Artigo em Inglês | MEDLINE | ID: mdl-30061861

RESUMO

Background: Insomnia disorder is a highly prevalent health condition, affecting ~10-15% of the adult population worldwide. A central feature of insomnia is hyperarousal characterized as persistent and increased somatic, cognitive and cortical stimulation. Hyperarousal leads to a state of conditioned arousal that disrupts both sleep and daytime function. Research studies have shown increases in body temperature, heart rate, electroencephalographic activity, catecholamines, and oxygen consumption as a measure of metabolic rate. These findings provide evidence of increased physiological activation in insomnia however results are not consistent.
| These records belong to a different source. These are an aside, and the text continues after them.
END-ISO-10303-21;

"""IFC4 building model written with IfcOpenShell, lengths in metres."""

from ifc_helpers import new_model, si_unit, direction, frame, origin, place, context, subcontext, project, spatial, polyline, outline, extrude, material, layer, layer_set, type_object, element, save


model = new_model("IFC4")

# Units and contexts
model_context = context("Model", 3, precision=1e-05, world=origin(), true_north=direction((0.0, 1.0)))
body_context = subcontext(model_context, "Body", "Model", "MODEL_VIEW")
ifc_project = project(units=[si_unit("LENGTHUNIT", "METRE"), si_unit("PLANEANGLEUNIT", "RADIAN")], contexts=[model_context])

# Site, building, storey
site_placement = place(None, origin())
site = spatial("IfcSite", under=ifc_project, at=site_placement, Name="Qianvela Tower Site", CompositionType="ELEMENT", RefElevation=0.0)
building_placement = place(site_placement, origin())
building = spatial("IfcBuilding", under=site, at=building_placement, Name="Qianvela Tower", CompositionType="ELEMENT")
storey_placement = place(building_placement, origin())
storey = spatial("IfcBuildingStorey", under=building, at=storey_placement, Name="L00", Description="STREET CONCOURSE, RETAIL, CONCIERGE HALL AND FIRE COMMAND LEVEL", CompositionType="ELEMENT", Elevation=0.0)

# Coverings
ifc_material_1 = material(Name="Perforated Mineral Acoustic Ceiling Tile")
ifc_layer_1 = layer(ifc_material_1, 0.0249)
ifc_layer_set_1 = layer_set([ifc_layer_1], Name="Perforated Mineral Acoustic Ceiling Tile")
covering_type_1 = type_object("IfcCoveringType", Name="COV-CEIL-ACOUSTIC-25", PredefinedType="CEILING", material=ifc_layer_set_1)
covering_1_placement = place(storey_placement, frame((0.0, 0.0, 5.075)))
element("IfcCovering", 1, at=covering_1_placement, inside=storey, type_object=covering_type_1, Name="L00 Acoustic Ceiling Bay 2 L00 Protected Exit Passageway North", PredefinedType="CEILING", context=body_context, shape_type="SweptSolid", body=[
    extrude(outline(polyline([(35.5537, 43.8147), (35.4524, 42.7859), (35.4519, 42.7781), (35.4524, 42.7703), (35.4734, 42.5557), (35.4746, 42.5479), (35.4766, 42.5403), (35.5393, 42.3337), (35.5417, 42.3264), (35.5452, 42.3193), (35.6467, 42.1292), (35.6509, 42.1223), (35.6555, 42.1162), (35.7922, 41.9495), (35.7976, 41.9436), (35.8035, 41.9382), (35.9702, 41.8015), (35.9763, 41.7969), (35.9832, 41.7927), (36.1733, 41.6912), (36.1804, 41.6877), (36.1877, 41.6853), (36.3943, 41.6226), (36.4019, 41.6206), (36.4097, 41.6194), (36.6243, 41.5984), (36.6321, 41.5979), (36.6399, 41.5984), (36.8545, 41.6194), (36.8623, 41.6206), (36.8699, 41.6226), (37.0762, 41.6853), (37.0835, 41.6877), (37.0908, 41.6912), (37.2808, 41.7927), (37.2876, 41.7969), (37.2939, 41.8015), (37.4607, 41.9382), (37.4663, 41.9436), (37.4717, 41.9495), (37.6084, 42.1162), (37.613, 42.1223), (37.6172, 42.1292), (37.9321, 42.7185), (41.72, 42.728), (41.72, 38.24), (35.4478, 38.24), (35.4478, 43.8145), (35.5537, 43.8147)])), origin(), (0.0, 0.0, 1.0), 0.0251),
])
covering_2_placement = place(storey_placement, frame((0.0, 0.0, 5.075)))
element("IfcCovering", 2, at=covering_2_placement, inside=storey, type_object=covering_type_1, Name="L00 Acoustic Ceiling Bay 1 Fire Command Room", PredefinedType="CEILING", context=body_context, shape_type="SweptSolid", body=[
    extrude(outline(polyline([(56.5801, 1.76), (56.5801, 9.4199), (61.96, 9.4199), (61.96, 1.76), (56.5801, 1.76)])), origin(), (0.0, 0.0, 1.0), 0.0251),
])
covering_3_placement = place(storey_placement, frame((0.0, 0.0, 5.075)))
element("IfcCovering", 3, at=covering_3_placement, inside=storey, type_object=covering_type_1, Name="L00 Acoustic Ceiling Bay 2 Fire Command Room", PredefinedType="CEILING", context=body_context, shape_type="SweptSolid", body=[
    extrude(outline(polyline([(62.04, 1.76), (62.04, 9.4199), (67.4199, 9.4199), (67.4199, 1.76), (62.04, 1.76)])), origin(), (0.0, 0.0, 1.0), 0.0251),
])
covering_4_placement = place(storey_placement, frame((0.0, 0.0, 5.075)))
The aim of the systematic review was to determine if metabolic rate in patients with insomnia is increased in keeping with the hyperarousal hypothesis. Methods: We searched Pubmed, Web of Science, CINAHL, PsycINFO, EMBASE, and Scopus databases for observational and interventional studies that have measured metabolic rate in insomnia. Study characteristics were extracted and summarized and a risk of bias was performed for each of the studies. Results: Two reviewers screened 963 abstracts with 35 articles of interest for full-text review. Four articles evaluating 75 participants were included in this systematic review. Two studies showed increased oxygen consumption across 24 h in insomnia patients compared with good-sleeping controls. One study which measured oxygen consumption at only a single timepoint showed no difference between insomnia patients and good-sleeping controls. A further study evaluating the effect of lorazepam on oxygen consumption in patients with chronic insomnia showed that lorazepam reduced metabolic rate during the night time only. Conclusions: These findings show that metabolic rate appears to be increased across 24 h in line with the hyperarousal model of insomnia. However, these increases in metabolic rate in insomnia were minor compared to good-sleeping controls and the clinical significance is unclear. Larger, methodologically robust studies are required to confirm these findings and the effect of any increase in metabolic rate on sleep-wake disturbances or pathophysiology.